# Help with increasing performance in badly coded functions

Hi guys, I need a little help with optimising the performance of a few functions. If you need a more detailed access to my project here’s a notebook (LinearAlgebraicRepresentation.jl/largrid.ipynb at main · adelloste/LinearAlgebraicRepresentation.jl · GitHub) that contains all the functions with inputs ready to be tested with a @btime macro. Here they are.

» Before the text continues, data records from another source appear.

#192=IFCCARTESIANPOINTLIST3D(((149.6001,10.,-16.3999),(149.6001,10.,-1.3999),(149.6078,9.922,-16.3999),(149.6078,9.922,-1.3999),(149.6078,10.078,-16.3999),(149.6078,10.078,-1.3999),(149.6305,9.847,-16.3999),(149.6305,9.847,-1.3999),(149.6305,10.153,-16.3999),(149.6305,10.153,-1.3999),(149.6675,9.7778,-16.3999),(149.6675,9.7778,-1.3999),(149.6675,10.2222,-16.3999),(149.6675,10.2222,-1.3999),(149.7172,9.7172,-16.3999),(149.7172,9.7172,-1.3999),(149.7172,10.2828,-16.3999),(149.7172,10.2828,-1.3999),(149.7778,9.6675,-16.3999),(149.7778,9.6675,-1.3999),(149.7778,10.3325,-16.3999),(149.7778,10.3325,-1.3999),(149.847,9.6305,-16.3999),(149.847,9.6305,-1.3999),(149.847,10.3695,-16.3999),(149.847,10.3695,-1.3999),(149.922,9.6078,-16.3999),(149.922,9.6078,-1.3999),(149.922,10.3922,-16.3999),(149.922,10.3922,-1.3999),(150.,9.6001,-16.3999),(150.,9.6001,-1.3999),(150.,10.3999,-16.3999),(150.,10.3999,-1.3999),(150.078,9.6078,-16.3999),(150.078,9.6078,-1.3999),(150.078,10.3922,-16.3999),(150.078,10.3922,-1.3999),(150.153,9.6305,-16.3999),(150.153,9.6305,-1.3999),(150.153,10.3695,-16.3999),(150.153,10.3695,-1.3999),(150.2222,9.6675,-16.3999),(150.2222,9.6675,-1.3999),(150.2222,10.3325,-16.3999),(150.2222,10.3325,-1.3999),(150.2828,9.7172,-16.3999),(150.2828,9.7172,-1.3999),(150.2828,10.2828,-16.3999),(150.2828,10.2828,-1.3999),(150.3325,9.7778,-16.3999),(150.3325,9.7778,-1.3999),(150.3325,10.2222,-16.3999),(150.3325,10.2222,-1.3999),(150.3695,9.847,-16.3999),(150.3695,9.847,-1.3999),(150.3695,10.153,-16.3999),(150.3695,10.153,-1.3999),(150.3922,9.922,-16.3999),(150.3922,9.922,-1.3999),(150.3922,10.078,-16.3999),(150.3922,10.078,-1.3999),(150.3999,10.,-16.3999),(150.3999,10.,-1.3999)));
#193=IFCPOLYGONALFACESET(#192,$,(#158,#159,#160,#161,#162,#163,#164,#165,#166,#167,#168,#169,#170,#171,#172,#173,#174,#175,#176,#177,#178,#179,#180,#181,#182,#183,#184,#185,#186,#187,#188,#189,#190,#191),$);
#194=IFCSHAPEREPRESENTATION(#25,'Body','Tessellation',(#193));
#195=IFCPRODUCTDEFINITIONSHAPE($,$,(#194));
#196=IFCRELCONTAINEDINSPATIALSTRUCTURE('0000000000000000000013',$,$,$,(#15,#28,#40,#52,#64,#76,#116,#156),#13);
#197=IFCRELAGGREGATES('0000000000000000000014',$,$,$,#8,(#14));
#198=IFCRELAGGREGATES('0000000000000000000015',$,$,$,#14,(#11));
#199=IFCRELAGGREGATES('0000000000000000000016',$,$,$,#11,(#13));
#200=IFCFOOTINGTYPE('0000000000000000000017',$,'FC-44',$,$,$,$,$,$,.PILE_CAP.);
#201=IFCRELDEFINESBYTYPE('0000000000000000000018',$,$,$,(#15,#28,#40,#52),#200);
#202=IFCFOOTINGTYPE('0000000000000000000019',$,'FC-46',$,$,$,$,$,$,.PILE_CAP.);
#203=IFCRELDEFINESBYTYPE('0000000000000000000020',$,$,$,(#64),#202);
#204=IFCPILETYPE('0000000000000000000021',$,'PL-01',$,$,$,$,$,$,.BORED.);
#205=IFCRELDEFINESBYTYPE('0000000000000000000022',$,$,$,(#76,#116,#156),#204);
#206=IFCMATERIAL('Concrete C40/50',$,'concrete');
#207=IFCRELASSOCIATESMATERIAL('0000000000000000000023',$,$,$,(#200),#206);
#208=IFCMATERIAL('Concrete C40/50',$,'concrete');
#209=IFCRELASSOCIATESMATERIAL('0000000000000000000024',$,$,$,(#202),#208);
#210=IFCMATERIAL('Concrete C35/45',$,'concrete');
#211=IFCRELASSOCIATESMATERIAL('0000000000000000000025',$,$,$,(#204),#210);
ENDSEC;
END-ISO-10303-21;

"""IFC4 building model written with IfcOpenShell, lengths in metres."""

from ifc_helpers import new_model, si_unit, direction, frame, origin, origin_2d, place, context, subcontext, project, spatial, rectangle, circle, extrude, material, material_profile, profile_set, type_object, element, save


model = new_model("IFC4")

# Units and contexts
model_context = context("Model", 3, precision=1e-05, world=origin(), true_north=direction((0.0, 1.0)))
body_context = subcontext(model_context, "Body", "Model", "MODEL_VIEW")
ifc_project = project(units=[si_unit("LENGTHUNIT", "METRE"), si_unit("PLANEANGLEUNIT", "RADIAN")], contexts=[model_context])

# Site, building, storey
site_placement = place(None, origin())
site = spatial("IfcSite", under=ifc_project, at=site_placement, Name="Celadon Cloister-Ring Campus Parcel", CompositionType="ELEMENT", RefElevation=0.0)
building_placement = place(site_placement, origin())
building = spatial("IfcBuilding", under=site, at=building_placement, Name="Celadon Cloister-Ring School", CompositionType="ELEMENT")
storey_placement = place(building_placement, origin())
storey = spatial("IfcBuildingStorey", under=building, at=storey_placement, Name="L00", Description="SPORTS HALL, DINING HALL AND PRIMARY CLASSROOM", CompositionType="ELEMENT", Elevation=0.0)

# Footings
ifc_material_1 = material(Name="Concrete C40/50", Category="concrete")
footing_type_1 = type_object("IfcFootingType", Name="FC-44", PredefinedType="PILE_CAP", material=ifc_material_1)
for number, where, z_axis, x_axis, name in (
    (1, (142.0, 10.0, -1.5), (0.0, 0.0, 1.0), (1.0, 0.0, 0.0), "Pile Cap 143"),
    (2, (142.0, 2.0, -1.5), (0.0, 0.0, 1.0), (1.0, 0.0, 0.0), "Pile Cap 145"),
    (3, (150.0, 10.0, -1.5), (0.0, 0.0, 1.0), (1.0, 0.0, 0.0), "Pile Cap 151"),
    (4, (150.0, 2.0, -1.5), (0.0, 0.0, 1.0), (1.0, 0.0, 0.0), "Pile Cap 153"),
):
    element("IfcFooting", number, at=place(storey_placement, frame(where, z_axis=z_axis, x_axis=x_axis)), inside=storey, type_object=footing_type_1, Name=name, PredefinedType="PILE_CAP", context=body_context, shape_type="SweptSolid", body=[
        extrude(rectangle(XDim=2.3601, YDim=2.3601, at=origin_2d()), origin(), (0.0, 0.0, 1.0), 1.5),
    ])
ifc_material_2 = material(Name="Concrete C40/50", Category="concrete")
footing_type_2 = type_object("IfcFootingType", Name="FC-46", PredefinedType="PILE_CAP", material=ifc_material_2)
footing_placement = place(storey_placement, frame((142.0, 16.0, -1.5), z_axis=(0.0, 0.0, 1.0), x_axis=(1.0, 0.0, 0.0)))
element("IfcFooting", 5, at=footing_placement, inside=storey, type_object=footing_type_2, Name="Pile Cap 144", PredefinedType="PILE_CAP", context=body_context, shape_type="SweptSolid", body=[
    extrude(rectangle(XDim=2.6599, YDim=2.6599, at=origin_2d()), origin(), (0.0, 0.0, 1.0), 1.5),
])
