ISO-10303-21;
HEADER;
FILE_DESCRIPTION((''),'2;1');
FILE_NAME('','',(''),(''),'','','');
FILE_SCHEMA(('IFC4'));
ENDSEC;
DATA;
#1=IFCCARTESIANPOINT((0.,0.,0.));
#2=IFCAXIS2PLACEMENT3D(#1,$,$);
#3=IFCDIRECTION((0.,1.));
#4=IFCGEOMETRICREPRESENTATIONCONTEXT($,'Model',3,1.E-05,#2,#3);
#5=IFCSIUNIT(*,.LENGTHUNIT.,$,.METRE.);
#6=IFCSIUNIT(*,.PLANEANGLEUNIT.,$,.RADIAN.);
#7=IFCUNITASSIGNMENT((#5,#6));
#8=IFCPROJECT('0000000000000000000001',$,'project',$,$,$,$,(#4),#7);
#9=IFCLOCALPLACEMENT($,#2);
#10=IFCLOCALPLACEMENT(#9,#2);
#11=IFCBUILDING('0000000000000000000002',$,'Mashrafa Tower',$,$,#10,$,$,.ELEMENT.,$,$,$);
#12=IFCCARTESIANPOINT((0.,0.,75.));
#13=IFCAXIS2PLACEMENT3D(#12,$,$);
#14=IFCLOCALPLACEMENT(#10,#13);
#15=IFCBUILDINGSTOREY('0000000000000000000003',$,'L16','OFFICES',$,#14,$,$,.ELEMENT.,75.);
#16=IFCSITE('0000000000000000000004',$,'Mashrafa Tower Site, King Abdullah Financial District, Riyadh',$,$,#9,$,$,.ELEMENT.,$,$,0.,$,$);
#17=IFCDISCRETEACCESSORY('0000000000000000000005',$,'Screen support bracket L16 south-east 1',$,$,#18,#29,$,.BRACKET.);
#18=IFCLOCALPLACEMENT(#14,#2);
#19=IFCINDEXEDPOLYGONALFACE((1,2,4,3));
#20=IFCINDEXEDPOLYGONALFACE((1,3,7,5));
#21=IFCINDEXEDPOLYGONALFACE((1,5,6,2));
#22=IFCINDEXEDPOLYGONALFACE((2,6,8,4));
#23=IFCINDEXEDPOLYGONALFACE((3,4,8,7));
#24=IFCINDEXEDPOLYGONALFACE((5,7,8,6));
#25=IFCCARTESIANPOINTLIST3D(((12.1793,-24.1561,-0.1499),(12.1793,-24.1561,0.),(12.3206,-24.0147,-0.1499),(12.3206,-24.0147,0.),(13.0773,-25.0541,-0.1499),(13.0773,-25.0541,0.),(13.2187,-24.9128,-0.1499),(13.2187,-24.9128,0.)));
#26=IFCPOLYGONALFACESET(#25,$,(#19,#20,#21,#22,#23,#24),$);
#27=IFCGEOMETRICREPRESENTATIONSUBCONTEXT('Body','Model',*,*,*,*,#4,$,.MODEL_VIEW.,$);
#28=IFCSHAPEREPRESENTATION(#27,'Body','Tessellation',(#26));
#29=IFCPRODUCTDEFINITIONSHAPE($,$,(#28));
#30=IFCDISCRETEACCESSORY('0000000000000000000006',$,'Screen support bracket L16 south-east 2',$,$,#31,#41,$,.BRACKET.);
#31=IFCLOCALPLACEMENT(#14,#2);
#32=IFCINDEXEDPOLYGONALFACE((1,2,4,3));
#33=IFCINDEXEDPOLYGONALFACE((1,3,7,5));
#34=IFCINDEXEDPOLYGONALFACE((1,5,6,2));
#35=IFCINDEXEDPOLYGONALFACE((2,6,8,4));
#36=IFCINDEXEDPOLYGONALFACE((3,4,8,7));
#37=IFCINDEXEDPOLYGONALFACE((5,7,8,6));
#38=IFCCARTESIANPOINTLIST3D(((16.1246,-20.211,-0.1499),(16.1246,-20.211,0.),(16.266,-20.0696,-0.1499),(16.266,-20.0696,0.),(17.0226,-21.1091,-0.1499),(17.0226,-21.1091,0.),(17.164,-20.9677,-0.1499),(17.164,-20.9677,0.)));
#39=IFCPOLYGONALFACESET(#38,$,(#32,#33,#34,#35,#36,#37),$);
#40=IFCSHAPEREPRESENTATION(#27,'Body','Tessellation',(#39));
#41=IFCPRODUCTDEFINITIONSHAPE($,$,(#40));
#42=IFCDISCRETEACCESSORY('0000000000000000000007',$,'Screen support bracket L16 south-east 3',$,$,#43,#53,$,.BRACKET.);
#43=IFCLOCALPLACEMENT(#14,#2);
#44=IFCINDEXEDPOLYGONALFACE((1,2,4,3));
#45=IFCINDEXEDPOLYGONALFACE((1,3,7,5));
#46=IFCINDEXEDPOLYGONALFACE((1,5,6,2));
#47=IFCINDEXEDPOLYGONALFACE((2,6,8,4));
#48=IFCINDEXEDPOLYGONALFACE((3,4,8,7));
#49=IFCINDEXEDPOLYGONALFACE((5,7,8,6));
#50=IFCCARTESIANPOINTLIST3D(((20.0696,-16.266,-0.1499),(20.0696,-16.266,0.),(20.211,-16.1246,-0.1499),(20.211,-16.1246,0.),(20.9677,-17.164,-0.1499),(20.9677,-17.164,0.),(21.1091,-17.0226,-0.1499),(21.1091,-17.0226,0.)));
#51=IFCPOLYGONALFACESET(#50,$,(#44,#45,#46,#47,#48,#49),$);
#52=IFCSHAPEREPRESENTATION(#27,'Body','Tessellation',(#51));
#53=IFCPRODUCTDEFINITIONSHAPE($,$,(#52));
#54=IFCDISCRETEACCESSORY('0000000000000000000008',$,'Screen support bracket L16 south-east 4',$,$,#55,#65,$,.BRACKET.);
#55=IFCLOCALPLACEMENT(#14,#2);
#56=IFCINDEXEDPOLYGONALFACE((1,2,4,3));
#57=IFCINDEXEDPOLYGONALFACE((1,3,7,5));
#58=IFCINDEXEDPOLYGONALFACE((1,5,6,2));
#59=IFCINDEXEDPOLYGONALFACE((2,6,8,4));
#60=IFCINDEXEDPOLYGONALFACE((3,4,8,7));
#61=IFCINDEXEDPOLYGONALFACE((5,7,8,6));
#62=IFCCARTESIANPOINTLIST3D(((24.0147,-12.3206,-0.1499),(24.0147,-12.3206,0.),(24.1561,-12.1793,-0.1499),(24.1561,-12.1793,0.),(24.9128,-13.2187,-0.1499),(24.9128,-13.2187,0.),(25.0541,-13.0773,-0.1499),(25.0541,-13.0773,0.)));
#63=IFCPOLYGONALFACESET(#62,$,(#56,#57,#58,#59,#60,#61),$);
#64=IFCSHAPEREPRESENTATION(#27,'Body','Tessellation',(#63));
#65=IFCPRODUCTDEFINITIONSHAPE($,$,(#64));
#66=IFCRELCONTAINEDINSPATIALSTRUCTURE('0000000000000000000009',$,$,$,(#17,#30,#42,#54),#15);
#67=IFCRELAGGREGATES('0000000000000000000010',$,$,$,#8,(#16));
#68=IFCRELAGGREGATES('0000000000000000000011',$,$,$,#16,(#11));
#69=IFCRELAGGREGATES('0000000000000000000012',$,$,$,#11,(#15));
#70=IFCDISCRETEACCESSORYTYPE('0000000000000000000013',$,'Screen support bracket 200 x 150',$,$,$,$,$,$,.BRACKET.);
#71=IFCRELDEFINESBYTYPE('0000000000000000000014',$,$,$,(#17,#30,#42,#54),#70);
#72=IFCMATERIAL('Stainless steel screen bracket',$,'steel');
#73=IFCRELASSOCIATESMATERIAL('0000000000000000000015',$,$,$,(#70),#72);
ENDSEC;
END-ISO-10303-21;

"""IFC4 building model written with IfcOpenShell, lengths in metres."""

from ifc_helpers import new_model, si_unit, direction, frame, origin, origin_2d, place, context, subcontext, project, spatial, rectangle, extrude, source, transform, mapped, material, type_object, type_shapes, element, save


model = new_model("IFC4")

# Units and contexts
model_context = context("Model", 3, precision=1e-05, world=origin(), true_north=direction((0.0, 1.0)))
body_context = subcontext(model_context, "Body", "Model", "MODEL_VIEW")
ifc_project = project(units=[si_unit("LENGTHUNIT", "METRE"), si_unit("PLANEANGLEUNIT", "RADIAN")], contexts=[model_context])

# Site, building, storey
site_placement = place(None, origin())
site = spatial("IfcSite", under=ifc_project, at=site_placement, Name="Mashrafa Tower Site, King Abdullah Financial District, Riyadh", CompositionType="ELEMENT", RefElevation=0.0)
building_placement = place(site_placement, origin())
building = spatial("IfcBuilding", under=site, at=building_placement, Name="Mashrafa Tower", CompositionType="ELEMENT")
storey_placement = place(building_placement, frame((0.0, 0.0, 75.0)))
storey = spatial("IfcBuildingStorey", under=building, at=storey_placement, Name="L16", Description="OFFICES", CompositionType="ELEMENT", Elevation=75.0)

# Discrete accessories
ifc_material_1 = material(Name="Stainless steel screen bracket", Category="steel")
discrete_accessory_type = type_object("IfcDiscreteAccessoryType", Name="Screen support bracket 200 x 150", PredefinedType="BRACKET", material=ifc_material_1)
shared_shape_1 = source(origin(), body_context, "Body", "SweptSolid", [
    extrude(rectangle(XDim=0.2, YDim=1.27, at=origin_2d()), origin(), (0.0, 0.0, 1.0), 0.1499),
])
type_shapes(discrete_accessory_type, [shared_shape_1])
for number, where, z_axis, x_axis, name in (
    (1, (12.699, -24.5344, -0.1499), (0.0, 0.0, 1.0), (0.707107, 0.707107, 0.0), "Screen support bracket L16 south-east 1"),
    (2, (16.6443, -20.5894, -0.1499), (0.0, 0.0, 1.0), (0.707107, 0.707107, 0.0), "Screen support bracket L16 south-east 2"),
    (3, (20.5894, -16.6443, -0.1499), (0.0, 0.0, 1.0), (0.707107, 0.707107, 0.0), "Screen support bracket L16 south-east 3"),
    (4, (24.5344, -12.699, -0.1499), (0.0, 0.0, 1.0), (0.707107, 0.707107, 0.0), "Screen support bracket L16 south-east 4"),
):
    element("IfcDiscreteAccessory", number, at=place(storey_placement, frame(where, z_axis=z_axis, x_axis=x_axis)), inside=storey, type_object=discrete_accessory_type, Name=name, PredefinedType="BRACKET", context=body_context, shape_type="MappedRepresentation", body=[
        mapped(shared_shape_1, transform((0.0, 0.0, 0.0))),
    ])

save(model, "model.ifc")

cart_opt executes the cartesian product of a certain number of arguments:

``````function cart_opt(args)::Vector{Tuple}
return sort(vcat(collect(Iterators.product(args...))...))
end
``````

This is the output:

``````cart_opt([[1,2],["a"],[3,4]])
4-element Vector{Tuple}:
(1, "a", 3)
(1, "a", 4)
(2, "a", 3)
(2, "a", 4)
``````

This one (index2addr_opt) I’m not quite sure what it does but if you have any suggestions I’ll happily take them.

``````@inline function index2addr_opt( shape::Vector{Int64} )
n = length(shape)
theShape = push!(shape[2:end],1)
weights = [prod(theShape[k:end]) for k in (1:n)]

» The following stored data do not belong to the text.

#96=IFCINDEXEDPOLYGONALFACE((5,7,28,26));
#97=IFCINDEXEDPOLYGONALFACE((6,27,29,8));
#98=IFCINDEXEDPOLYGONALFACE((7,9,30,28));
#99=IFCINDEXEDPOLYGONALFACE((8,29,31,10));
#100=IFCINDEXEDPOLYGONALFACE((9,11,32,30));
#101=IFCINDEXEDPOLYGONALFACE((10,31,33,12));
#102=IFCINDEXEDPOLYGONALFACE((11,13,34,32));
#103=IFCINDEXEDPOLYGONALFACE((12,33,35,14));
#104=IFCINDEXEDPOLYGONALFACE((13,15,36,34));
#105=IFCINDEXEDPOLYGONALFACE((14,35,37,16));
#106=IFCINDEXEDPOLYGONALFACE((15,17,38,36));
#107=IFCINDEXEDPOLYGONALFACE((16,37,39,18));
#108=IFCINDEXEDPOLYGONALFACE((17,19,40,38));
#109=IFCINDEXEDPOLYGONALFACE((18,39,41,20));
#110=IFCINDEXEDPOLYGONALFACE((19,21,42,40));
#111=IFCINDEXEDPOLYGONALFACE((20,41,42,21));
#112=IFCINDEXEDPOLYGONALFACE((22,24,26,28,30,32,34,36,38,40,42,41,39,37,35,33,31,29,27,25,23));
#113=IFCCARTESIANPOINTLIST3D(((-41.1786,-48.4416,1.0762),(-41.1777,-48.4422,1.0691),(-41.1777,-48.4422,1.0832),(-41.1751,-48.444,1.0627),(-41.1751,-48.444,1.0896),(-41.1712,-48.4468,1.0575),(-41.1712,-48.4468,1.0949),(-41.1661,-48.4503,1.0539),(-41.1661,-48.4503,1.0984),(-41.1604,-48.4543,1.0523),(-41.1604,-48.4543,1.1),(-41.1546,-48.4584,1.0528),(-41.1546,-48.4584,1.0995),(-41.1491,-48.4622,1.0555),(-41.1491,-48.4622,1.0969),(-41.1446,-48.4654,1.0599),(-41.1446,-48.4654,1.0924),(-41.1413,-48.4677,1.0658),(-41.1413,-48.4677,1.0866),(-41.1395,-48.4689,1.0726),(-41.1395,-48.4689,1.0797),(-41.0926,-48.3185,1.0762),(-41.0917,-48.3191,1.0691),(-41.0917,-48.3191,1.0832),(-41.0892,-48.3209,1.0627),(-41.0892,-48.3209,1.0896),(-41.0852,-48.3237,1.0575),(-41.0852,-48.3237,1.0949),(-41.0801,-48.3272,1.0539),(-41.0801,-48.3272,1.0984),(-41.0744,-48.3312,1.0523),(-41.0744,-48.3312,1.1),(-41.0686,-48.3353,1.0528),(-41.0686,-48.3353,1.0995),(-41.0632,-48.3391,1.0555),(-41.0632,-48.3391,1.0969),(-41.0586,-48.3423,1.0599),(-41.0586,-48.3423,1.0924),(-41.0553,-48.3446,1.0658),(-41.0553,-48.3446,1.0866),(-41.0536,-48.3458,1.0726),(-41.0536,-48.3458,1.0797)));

return dot(collect(multiIndex), weights) + 1
end

end
``````

Here’s the output:

``````index2addr_opt([2,7])([1,4])

12
``````

My project is about solid modeling, larCellProd_opt is a bit of a mess and it executes the product between two larCells

``````@inline function larCellProd_opt(cellLists::Vector{Lar.Cells})::Lar.Cells
shapes = [length(item) for item in cellLists]
subscripts = cart_opt([collect(range(0, length=shape)) for shape in shapes])
indices = [collect(tuple) .+ 1 for tuple in subscripts]

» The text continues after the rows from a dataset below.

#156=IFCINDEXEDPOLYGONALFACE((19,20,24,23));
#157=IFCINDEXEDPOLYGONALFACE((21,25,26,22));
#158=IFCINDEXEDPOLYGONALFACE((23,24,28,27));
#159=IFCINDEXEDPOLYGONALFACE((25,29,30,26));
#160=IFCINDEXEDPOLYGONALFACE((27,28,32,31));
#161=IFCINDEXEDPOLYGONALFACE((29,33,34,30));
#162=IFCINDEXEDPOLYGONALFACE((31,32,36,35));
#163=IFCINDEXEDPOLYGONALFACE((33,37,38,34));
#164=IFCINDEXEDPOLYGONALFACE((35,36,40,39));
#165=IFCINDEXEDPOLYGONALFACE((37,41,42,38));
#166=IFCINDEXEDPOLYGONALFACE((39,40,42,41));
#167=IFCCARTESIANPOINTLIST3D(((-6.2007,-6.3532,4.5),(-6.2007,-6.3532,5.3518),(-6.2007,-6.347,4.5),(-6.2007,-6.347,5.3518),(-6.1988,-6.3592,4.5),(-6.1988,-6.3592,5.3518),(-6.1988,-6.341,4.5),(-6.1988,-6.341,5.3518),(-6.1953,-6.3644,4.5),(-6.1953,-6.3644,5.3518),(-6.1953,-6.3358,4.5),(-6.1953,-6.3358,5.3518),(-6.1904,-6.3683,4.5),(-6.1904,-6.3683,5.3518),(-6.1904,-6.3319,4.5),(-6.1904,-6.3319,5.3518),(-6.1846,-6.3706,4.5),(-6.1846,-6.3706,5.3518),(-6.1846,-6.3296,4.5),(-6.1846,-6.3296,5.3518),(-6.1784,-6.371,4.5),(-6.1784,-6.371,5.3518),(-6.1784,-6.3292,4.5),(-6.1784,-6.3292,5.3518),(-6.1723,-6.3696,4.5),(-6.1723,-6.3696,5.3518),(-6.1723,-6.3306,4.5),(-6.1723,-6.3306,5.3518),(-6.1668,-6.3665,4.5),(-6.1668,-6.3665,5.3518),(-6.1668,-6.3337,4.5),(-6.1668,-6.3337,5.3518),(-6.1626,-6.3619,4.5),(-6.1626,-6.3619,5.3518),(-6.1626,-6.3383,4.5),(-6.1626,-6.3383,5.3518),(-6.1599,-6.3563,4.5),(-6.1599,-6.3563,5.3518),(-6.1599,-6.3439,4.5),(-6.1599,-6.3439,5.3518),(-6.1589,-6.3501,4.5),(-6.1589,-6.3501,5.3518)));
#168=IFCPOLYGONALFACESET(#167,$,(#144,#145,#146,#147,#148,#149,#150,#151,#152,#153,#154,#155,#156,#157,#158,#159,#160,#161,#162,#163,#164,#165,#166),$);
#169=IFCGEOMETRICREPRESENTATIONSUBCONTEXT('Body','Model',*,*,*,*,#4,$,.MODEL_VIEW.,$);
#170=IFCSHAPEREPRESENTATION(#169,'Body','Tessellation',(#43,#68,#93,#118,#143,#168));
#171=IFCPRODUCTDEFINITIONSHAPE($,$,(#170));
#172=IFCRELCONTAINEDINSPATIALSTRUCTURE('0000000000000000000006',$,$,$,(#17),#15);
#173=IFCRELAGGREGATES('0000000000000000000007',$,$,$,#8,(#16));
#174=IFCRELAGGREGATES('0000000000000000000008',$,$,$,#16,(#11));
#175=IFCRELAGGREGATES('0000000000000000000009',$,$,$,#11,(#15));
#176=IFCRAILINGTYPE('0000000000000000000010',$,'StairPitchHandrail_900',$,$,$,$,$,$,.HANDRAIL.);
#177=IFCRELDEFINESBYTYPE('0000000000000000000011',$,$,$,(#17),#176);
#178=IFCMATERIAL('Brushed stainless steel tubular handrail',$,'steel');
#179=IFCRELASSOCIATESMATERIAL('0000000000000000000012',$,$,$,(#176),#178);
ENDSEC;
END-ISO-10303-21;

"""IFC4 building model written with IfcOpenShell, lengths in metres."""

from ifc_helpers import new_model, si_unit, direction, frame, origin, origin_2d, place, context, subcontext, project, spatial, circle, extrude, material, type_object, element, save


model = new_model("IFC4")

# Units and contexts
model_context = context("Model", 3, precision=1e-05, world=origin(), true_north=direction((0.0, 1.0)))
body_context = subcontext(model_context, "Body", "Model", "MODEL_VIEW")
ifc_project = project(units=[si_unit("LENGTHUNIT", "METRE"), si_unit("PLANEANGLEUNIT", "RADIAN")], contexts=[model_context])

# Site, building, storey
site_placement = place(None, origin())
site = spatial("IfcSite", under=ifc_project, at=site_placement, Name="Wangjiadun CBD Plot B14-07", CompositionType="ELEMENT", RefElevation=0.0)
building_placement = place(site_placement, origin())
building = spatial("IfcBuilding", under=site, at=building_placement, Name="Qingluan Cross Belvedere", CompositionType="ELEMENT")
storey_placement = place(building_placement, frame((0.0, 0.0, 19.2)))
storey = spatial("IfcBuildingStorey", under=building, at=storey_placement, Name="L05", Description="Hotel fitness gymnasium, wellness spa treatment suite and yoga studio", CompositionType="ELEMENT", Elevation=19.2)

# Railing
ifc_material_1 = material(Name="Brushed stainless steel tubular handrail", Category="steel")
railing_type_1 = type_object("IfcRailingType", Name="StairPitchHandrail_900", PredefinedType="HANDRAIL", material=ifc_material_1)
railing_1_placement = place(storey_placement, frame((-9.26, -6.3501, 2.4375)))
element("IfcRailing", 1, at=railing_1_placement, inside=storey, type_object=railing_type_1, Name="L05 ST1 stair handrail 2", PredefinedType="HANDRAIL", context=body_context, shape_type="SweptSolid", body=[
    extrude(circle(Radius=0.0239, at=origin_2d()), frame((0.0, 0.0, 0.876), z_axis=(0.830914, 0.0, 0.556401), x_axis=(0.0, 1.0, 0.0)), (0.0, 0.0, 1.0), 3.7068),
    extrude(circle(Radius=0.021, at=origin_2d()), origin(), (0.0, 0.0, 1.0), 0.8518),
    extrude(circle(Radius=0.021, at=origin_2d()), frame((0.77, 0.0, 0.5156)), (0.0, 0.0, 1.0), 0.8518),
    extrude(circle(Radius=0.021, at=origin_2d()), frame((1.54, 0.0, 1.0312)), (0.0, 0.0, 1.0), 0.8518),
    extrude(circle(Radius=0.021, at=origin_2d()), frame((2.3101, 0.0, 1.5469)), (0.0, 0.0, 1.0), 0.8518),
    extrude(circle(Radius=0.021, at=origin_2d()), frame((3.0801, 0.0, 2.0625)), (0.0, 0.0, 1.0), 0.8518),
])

jointCells = [cart_opt([cells[k] for (k,cells) in zip(index,cellLists)]) for index in indices]
convertIt = index2addr_opt([ (length(cellLists[k][1]) > 1) ? shape .+ 1 : shape for (k,shape) in enumerate(shapes) ])
[map(convertIt, map(collect,jointCells[j])) for j in 1:length(jointCells)]
end
``````

Here’s the output:

``````c1 = [[0,1],[1,2],[2,3]]
c0 = [[0],[1],[2]]
@btime larCellProd_opt([c1, c1, c0])

27-element Vector{Vector{Int64}}:
[1, 4, 13, 16]
[2, 5, 14, 17]
[3, 6, 15, 18]
[4, 7, 16, 19]
[5, 8, 17, 20]
[6, 9, 18, 21]
[7, 10, 19, 22]
[8, 11, 20, 23]
[9, 12, 21, 24]
[13, 16, 25, 28]
[14, 17, 26, 29]
[15, 18, 27, 30]
[16, 19, 28, 31]
⋮
[19, 22, 31, 34]
[20, 23, 32, 35]
[21, 24, 33, 36]
[25, 28, 37, 40]
[26, 29, 38, 41]
[27, 30, 39, 42]
[28, 31, 40, 43]
[29, 32, 41, 44]
[30, 33, 42, 45]
[31, 34, 43, 46]
[32, 35, 44, 47]
[33, 36, 45, 48]
``````

The last function I’d need help with is createCells, I’ve been told that push! isn’t really good for performance.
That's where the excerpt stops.